You never said how many bars in your setup altogether. Typically when there's a flow on the bees will start storing whole combs of honey, typically at the 'back' of the hive away from the entrance, typically the queen won't go past a full honey comb to lay. I say typically because as others have pointed out, bees don't read the books we do to know what they 'should' do. I'd expect to see the bees start back-filling what is currently brood area with honey as they prepare for winter, and the queen get 'shoved' back towards the front by lack of laying space, if nothing else occurs between now and then. Normally when bees 'bounce' at the end of the honey area and start backfilling brood space, it becomes a trigger to swarm, as the queen runs out of space to lay, and they run out of space for honey. I'd watch to see what they do and decide what, if anything, you want to do about it as it goes.. keep us posted, this one is interesting!


----------



## ruthiesbees (Aug 27, 2013)

I had that problem with a really productive queen this year. She ran up and down all 28 bars laying to beat the band.
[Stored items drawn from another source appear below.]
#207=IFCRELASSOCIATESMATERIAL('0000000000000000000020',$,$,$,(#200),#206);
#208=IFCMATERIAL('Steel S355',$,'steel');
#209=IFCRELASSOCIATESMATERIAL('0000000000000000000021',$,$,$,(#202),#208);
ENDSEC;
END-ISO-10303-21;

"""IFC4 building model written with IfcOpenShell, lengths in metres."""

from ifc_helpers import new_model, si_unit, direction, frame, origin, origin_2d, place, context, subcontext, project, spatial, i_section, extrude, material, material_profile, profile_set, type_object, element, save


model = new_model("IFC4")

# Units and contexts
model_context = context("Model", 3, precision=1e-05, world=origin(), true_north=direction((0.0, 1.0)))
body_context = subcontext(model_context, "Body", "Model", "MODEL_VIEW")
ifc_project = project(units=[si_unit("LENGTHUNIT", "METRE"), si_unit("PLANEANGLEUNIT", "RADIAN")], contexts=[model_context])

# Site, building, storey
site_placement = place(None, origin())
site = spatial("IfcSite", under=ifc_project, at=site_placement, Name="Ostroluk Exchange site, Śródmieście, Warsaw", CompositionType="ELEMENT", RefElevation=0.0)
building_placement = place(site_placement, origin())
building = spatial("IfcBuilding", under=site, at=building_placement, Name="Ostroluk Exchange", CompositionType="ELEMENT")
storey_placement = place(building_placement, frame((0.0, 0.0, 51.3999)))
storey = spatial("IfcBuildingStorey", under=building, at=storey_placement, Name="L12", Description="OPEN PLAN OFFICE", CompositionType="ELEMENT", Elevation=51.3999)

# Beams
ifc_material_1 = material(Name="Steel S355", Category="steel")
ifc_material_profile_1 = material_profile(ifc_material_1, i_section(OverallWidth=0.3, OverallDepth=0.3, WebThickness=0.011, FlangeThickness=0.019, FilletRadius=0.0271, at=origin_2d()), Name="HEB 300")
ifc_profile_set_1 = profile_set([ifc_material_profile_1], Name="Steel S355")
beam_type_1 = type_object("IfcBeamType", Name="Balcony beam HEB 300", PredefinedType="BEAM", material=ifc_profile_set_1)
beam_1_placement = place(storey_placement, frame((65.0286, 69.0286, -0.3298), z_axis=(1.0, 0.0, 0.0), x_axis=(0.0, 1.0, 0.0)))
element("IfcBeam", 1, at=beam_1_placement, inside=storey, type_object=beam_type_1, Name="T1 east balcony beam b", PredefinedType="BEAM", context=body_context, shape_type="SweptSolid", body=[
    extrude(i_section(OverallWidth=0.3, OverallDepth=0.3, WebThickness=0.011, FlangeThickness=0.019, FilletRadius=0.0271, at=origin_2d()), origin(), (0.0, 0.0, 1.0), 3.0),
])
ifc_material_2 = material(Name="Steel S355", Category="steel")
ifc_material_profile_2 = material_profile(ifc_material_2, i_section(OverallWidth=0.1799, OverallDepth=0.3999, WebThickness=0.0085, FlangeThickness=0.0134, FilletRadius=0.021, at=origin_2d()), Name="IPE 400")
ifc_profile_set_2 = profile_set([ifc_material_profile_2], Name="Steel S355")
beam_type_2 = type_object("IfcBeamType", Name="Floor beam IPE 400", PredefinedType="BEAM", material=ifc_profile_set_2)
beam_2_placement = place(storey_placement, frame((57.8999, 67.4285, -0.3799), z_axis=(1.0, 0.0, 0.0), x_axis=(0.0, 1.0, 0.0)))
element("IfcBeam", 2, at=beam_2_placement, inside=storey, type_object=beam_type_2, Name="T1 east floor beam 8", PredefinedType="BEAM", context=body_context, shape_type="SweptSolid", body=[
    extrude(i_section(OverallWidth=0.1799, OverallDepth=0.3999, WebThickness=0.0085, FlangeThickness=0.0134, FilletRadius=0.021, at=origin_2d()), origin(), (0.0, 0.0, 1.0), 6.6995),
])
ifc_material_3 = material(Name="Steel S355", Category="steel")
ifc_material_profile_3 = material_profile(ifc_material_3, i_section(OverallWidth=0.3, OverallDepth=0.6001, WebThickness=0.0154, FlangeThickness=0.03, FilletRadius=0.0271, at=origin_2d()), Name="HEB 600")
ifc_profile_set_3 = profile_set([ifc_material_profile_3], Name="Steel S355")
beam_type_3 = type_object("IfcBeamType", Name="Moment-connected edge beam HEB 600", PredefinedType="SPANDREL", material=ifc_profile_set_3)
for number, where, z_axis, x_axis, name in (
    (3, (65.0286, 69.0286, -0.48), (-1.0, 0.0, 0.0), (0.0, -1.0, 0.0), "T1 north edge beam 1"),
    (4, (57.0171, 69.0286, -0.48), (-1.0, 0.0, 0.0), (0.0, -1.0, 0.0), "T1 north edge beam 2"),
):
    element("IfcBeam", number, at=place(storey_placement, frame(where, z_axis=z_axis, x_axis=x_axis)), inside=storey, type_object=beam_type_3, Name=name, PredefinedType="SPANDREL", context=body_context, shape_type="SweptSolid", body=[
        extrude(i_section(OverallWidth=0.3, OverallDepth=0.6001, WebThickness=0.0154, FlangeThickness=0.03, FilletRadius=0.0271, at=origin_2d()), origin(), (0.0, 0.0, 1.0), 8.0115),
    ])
I decided to add a vertical plastic queen excluder and put 9 of the uncapped nectar (or drone comb) bars on the other side of the excluder. Worker bees could still enter directly into that portion of the hive since there are 3 entrances on the front. That seems to have fixed my problem. While this queen would go past a full bar of honey to get to another freshly drawn comb to lay eggs, she hasn't tried to squeeze past the excluder, even though it's not bee-tight.

I've started using these vertical queen excluders in a few more of my TB hives in order to run a 2 queen system (or get a few extra queens without making splits and having them robbed out.


----------



## ShannaRose (Feb 10, 2015)

That looks like a great answer. I have also been following Les Crowder's book on hive manipulation and by expanding the brood nest to delay swarming, and I'm also ending up giving her the whole hive to lay in. I did have a couple mostly honey bars at the back and I was very surprised to find her crawling around on one of them yesterday. I decided it was time to clear out as much as I could, and gave 5 combs of brood and bees to another hive and took out all the honey I could ( I did leave that one comb of honey and pollen she was on). Shrank back the hive quite a bit. 

Ruth, did you order the excluder and just cut it at angles to fit your tbh? Attached it with wire? I love this idea! Which kind of excluder and who did you order it from?
Thanks
Shanna


----------



## ruthiesbees (Aug 27, 2013)

We are very fortunate to have a local supplier of bee-ware in our area. I just got it from him for $3.50 It's just a plastic queen excluder that fits a Lang. My husband has a dremel scroll saw that cuts through the plastic so easily. I used the division board to trace the shape. It just sets inside the hive with the edge of the plastic sticking up slightly above the topbars by 1/4 inch and the bottom edge touching the screen floor. Bees propolis it heavily to the 2 touching bars so I stays in place even when you move bars around. You have to peel it out to move it.


----------



## AngelaL (Jun 25, 2015)

The hive that swarmed has lots of capped brood and baby bees. Yay! There must be a new queen in there.
I was going to put in brood from my other hive as was suggested but there was so little capped brood that I was a bit worried. I can never find the queen either. We got the bees last year and the Queens had a green mark.
The queen in The nearly full hive has really slowed down on her egg laying.
I hope they do back fill with honey.
Thanks for the replies and tips.


----------



## AngelaL (Jun 25, 2015)

I forgot to mention the hive has 30 bars.


----------